ANZ has noted that a drop in dwelling values in the month of December was “seasonal” and has warned analysts not to fully attribute the fall to a broader downward trend.
In its analysis of CoreLogic’s Home Value Index for the month of December, ANZ claimed that the figures “don’t take into account the seasonality in house prices”.
“At face value, CoreLogic’s December house price data indicates that the pace of monthly declines is accelerating, with the fall in December outpacing the decline in November,” ANZ noted.
“But these numbers don’t take into account the seasonality in house prices. When the data is adjusted for seasonal influences, then the interpretation of recent house price developments changes considerably.
“The peak monthly decline in house prices was October, with prices effectively flat in November and December.”
CoreLogic reported that in the month of December, house prices dropped by 1.08 per cent in Sydney. However, ANZ believes that the market is stabilising, following a peak decline in house prices recorded in October.
“[In Sydney], the pace of price declines was greatest in October, with a smaller fall in November and then again in December,” the bank said.
“All of which suggests that the worst may be behind us in terms of house price weakness.”
The major bank has called for analysts to cautiously interpret end-of-year house price data.

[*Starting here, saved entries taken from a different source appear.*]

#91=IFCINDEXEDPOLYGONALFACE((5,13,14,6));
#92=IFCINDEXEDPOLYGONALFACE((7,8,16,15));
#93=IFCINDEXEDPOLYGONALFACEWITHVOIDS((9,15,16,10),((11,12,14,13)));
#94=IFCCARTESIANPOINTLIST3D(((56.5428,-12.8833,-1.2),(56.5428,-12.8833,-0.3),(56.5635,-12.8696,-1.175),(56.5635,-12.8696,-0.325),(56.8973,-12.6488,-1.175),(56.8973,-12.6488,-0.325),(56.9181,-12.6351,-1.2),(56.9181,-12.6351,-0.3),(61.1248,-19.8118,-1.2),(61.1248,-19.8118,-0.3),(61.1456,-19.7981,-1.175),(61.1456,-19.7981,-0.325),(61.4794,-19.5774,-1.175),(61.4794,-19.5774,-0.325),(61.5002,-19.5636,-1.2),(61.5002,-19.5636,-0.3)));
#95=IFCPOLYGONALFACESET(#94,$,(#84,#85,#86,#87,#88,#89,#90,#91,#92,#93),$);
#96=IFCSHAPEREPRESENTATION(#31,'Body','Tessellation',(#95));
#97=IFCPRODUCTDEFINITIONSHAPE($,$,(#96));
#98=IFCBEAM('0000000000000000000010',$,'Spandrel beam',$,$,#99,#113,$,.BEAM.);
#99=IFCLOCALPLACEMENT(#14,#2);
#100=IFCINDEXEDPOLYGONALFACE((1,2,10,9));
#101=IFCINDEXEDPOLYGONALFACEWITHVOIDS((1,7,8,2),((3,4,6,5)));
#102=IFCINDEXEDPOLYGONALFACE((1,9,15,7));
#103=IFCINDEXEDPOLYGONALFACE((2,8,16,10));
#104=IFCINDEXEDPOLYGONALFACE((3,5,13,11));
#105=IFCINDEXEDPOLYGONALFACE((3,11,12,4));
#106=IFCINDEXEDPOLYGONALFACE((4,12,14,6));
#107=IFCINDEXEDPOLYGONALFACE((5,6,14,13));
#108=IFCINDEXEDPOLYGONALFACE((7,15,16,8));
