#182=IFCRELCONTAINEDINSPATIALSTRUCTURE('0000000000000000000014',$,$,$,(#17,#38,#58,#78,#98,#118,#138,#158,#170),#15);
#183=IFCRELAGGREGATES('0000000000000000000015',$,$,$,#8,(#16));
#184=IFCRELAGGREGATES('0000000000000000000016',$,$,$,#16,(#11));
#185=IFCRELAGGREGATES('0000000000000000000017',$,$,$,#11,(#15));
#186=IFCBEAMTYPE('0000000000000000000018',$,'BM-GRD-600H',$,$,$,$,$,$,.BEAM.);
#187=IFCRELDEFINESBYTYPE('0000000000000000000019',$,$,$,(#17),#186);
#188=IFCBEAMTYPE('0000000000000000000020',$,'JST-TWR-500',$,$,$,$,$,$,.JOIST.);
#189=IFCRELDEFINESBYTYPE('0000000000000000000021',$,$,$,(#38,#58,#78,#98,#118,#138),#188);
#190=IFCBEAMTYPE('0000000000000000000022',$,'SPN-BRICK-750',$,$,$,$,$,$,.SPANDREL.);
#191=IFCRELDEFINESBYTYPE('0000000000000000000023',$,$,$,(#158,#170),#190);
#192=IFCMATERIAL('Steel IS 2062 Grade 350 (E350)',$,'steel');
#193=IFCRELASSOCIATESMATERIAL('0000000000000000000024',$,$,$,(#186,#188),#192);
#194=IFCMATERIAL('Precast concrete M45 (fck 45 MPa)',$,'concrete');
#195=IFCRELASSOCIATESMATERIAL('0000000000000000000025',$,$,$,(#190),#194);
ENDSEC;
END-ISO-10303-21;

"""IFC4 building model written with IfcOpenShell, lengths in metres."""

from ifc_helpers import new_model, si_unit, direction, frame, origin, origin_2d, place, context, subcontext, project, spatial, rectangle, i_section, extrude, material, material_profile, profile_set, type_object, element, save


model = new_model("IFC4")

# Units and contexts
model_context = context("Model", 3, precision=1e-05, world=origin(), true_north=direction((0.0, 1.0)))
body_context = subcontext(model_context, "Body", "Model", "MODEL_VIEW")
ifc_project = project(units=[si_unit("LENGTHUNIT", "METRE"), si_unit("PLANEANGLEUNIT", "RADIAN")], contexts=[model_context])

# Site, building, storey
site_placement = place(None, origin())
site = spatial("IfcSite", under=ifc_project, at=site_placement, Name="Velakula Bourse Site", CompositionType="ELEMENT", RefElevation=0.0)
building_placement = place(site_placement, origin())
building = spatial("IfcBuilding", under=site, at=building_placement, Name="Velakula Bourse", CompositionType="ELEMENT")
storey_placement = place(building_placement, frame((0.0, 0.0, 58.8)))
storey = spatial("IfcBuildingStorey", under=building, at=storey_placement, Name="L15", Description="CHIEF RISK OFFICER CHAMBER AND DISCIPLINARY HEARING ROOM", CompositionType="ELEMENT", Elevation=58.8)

It predicted that “annual house price inflation” is set to slow further, but it does not expect significant weakening.
“Of course, the price data at this time of the year can be on low volumes and volatile, so we have to be a little careful with our interpretation,” ANZ added.
“Critically, the auction clearance rate has been telling a story of likely stability in house prices for some time.
“Base effects mean that annual house price inflation is likely to slow a little further from here, but we think the data is saying that for annual house price inflation to weaken much from here, a new catalyst is required.”
In its analysis, the bank concluded that an expected cash rate increase by the Reserve Bank of Australia (RBA) could be the “catalyst” for a sharper drop in house prices, but it noted that the opposite is true if the regulator decides to hold the cash rate at 1.50 per cent.
ANZ’s analysis said: “We have a new catalyst in our forecasts in the form of an RBA rate hike in May.
“The growing expectation of this and then its delivery is why we have annual house price growth getting close to zero by the middle of the year.
“But if our view on the RBA turns out to be wrong, we think one consequence will be higher house prices than we currently expect.”